Грубые сильные пальцы начали обшаривать тряпично-ватное тело Зафса. С трудом заставив глаза повиноваться, юноша скосил их на лицо типа, что обыскивал, ощупывал его тело, и убедился - незнакомец. В непонятной военной форме без опознавательных знаков и эмблем принадлежности к определенной службе. Высоченный и огромный, как вставшая на дыбы грузовая платформа, он методично исследовал тело юноши. Нос незнакомца был зажат прищепкой фильтра-нейтрализатора, и оттого голос его прозвучал ненатурально, на выдохе:

- У него только браслет, мессир.

- Снимите, - приказал бас.

- Он запаян.

- Разрежьте, - так же на выдохе отдавал команды бас.
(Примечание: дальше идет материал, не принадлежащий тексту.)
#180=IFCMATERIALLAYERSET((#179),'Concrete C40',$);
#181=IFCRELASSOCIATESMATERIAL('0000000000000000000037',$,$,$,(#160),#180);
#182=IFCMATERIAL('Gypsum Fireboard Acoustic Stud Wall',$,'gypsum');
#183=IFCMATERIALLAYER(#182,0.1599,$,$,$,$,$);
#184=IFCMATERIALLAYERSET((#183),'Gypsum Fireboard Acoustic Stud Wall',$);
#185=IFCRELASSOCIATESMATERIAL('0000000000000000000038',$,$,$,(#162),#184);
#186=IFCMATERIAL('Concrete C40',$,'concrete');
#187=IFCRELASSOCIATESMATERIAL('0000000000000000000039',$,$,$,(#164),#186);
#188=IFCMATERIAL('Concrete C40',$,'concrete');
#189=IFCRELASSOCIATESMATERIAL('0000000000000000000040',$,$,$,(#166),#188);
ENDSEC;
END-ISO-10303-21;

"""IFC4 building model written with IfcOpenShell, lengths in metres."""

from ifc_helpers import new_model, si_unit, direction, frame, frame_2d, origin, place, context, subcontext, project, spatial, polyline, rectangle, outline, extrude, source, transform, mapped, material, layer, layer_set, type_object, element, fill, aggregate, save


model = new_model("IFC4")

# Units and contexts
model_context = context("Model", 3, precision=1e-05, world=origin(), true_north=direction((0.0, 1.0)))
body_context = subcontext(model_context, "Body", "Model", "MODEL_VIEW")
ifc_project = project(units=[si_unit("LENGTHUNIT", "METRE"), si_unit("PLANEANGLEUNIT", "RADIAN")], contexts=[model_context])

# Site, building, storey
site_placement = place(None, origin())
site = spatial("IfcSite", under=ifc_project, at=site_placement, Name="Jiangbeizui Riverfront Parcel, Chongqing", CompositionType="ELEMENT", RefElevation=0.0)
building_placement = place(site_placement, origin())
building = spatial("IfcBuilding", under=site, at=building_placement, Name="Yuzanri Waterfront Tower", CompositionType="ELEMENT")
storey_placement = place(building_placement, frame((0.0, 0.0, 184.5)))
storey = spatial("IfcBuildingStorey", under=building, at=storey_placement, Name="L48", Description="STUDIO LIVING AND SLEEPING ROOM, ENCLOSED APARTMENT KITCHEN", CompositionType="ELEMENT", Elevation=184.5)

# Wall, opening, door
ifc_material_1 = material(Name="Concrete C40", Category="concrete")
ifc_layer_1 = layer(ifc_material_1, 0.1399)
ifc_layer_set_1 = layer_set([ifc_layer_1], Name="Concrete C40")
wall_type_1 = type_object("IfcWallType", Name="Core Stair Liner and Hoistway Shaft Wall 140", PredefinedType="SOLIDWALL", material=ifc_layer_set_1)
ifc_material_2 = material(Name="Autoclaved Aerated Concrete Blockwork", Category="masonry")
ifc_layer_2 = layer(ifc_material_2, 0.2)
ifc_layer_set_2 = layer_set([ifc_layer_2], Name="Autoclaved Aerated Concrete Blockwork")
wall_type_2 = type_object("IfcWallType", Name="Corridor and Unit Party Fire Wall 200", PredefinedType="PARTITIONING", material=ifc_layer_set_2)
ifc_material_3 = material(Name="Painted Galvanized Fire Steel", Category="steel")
"В дом запустили парализующий газ, - догадался юноша. - Носовые фильтры нейтрализуют его действие… Кто эти люди?! Преступники? Охотники на менталов?"

- Мне понадобится пневматический резак, мессир, - прозвучало над головой. - Витахром так просто не разрежешь.

- Так принесите!

- Слушаюсь. - Пальцы службиста разжались, и рука Зафса со стуком ударилась об пол.

- Сначала посадите его в кресло, я хочу взглянуть на его лицо.

Вздыбленная платформа легко приподняла тело Зафса, встряхнула и бережно опустила в кресло, стоящее напротив трансформера с расположившимся в нем сухопарым мужчиной.

Властный взгляд выдавал в нем немалую величину. Уверенность и высокомерие застыли на лице незваного гостя, преступники и всяческие мелкие сошки так не выглядят. Его надменность была естественной, как погода за окном. Перед Зафсом сидел человек, облаченный немалой властью. В чужом доме он чувствовал себя главным, и это чувство было ему привычно.

- Так вот ты какой, мой мальчик, - пробормотал мессир. - Римт, что ты застыл! Неси резак.

Громила послушно затопал к выходу, и Зафс остался наедине с высокопоставленным незнакомцем.

Нет, не наедине. На кушетке перед выключенной подставкой информационного поля полулежал отец. Его остекленевший взгляд сосредоточился на одной точке, грудь мерно вздымалась.

"Жив! - обрадовался Зафс. - А мама?"

- С этими людьми будет все в порядке, - пророкотал незнакомец. - Они нам не нужны, я даже благодарен доктору Варнаа, он не стал вживлять в твое тело имплантат из витахрома. Ты нам не бесполезен…

Голос незнакомца звучал в мерном, успокаивающем ритме, Зафс почувствовал, что нос его щекочет какая-то пылинка, и вдруг едва сдержал свою руку от машинального движения - дотронуться до носа, почесать его.